Bakanlık izni alınmadı
Aynı gün NTV’de ‘Mirgün Cabas’la Her Şey’ programında bu konu ele alındı. Görüş bildirmesi için, ilk duruşmadan itibaren davaya Çağdaş Hukukçular Derneği (ÇHD) adına müdahillik dilekçesi veren fakat talebi sürekli reddedilen Avukat Güray Dağ da çağrıldı. Dağ, “Bir şekilde unutturup sonrasında beraat kararı verilirse temyiz eden olmayacağı için polis aklanacak. Davaya müdahil olamadığımız için temyiz şansımız yok...” dedi. Bu sözler üzerine Beyoğlu 4. Ağır Ceza Mahkemesi’nin Başkanı İshak Eken, üye hâkimler Gönül Demirci ve Keskin Karakurt, Savcı Mehmet Nuri Gür, şikâyette bulundu. Böylece Avukat Dağ hakkında, ‘adil yargılamayı etkilemeye teşebbüs’ten dava açıldı.
Üç soruşturma daha
Avukatlar davanın 11 Temmuz 2011’deki 14. duruşmasında da hazır bulundu. İstanbul ve Ankara baroları ile ÇHD adına yine müdahillik dilekçesi verildi. Mahkeme heyeti ara karar verip duruşmayı erkenden bitirince avukatlarla heyet arasında tartışma çıktı. Mahkeme tutanağına göre avukat Ömer Kavili, “Söyleyeceklerimiz vardı, ne hakla duruşmayı bitirirsiniz, burada adil yargılanma hakkı ihlal ediliyor, hak arama özgürlüğü engelleniyor, duruşma salonunu terk etmiyoruz” dedi. Tutanağa göre avukatlar uzun süre duruşma salonunda kaldı. Mahkeme heyeti polislerin müdahalesini istediyse de Kavili, memurlara, “Suç işlersiniz, sizi biz bile kurtaramayız” dedi. Gerginlik saat 20.00’ye kadar sürdü. Daha sonra mahkeme, disiplin soruşturulması yapılması için Avukat Ömer Kavili ile müdahil olmak için dilekçe verenlerin avukatlarından Avukat Burcu Özaydın ve Muhsin Kemal Şimşek hakkında şikayette bulundu.

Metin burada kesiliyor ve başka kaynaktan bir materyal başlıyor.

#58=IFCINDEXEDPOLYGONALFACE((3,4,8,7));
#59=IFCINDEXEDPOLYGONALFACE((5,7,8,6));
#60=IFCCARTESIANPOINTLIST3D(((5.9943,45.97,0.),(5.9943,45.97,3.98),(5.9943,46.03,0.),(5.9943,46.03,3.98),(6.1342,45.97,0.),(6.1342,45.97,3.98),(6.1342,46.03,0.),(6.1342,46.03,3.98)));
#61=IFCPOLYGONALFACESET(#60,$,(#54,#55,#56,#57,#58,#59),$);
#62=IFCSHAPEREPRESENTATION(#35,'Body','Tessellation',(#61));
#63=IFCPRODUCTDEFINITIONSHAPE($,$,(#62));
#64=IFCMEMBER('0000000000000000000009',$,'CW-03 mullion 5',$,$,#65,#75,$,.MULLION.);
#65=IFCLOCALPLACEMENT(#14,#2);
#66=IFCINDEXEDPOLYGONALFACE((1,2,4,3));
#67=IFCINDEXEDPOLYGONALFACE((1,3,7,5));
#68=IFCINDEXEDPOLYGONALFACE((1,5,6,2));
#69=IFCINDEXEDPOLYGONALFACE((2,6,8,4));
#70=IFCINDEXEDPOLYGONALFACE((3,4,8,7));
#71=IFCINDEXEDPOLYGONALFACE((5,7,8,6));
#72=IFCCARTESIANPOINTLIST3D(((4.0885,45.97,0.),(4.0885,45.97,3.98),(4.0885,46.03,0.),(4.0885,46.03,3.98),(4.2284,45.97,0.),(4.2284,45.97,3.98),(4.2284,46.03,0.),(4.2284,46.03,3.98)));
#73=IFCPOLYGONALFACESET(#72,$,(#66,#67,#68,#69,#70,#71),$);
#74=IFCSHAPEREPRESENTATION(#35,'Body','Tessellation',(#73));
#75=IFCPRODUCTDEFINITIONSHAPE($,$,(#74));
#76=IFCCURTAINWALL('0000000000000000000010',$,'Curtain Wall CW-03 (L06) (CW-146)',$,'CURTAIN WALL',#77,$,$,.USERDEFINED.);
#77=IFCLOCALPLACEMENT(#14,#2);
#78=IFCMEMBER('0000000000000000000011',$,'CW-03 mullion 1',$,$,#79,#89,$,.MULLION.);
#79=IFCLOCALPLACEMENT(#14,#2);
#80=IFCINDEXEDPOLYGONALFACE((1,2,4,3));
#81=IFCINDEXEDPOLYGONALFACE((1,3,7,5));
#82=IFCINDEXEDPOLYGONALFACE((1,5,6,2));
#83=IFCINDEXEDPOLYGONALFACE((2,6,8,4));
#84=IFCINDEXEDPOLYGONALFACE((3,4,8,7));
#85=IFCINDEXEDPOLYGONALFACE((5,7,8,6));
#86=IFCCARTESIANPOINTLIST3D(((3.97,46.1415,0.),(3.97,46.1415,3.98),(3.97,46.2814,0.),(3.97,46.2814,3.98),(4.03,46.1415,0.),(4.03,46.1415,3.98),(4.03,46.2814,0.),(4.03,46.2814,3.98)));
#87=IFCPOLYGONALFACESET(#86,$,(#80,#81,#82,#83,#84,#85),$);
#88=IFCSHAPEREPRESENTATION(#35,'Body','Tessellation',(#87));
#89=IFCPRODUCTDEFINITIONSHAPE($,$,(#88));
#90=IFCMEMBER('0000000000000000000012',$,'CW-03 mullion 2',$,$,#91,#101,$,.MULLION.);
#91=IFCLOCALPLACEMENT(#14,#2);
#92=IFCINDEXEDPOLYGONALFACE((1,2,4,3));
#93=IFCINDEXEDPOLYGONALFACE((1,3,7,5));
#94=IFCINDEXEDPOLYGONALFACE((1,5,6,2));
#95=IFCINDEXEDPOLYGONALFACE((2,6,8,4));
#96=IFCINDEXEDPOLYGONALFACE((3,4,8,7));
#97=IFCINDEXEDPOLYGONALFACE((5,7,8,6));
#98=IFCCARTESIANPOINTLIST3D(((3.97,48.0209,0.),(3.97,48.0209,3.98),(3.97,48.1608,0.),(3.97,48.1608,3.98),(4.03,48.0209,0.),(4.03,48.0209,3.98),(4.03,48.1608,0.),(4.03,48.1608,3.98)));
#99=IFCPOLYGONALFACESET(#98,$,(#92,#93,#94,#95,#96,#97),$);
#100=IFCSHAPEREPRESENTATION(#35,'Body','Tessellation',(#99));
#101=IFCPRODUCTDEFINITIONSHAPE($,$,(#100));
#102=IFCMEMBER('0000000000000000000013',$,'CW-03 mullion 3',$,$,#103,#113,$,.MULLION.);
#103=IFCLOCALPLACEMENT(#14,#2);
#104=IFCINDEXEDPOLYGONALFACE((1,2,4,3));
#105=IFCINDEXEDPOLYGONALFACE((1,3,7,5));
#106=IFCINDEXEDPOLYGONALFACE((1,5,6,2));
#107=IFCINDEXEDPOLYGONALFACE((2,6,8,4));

İstanbul Barosu, usul gereği üç avukatın savunmasını istedi. Üç avukat için ceza soruşturması açılıp açılmadığı ise şimdilik bilinmiyor.
‘Dava ilerlesin’ demek suç oldu
Bu arada davaya müdahil olmak isteyen ancak bu talepleri kabul edilmeyen beş avukatla, Göçmen Dayanışma Ağı’ndan yaklaşık 100 kişi davanın Nijerya’dan beklenen belgeye takılarak, ilerlemesini eleştirince mahkeme bu kişiler hakkında ‘adli yargılamayı etkileme’ suçundan suç duyurusunda bulunmuştu. Soruşturmada zanlılar teker teker savcılığa giderek ifade vermeye devam ediyor. Dava açılıp açılmayacağı ifadelerin tamamlanmasından sonra belirlenecek.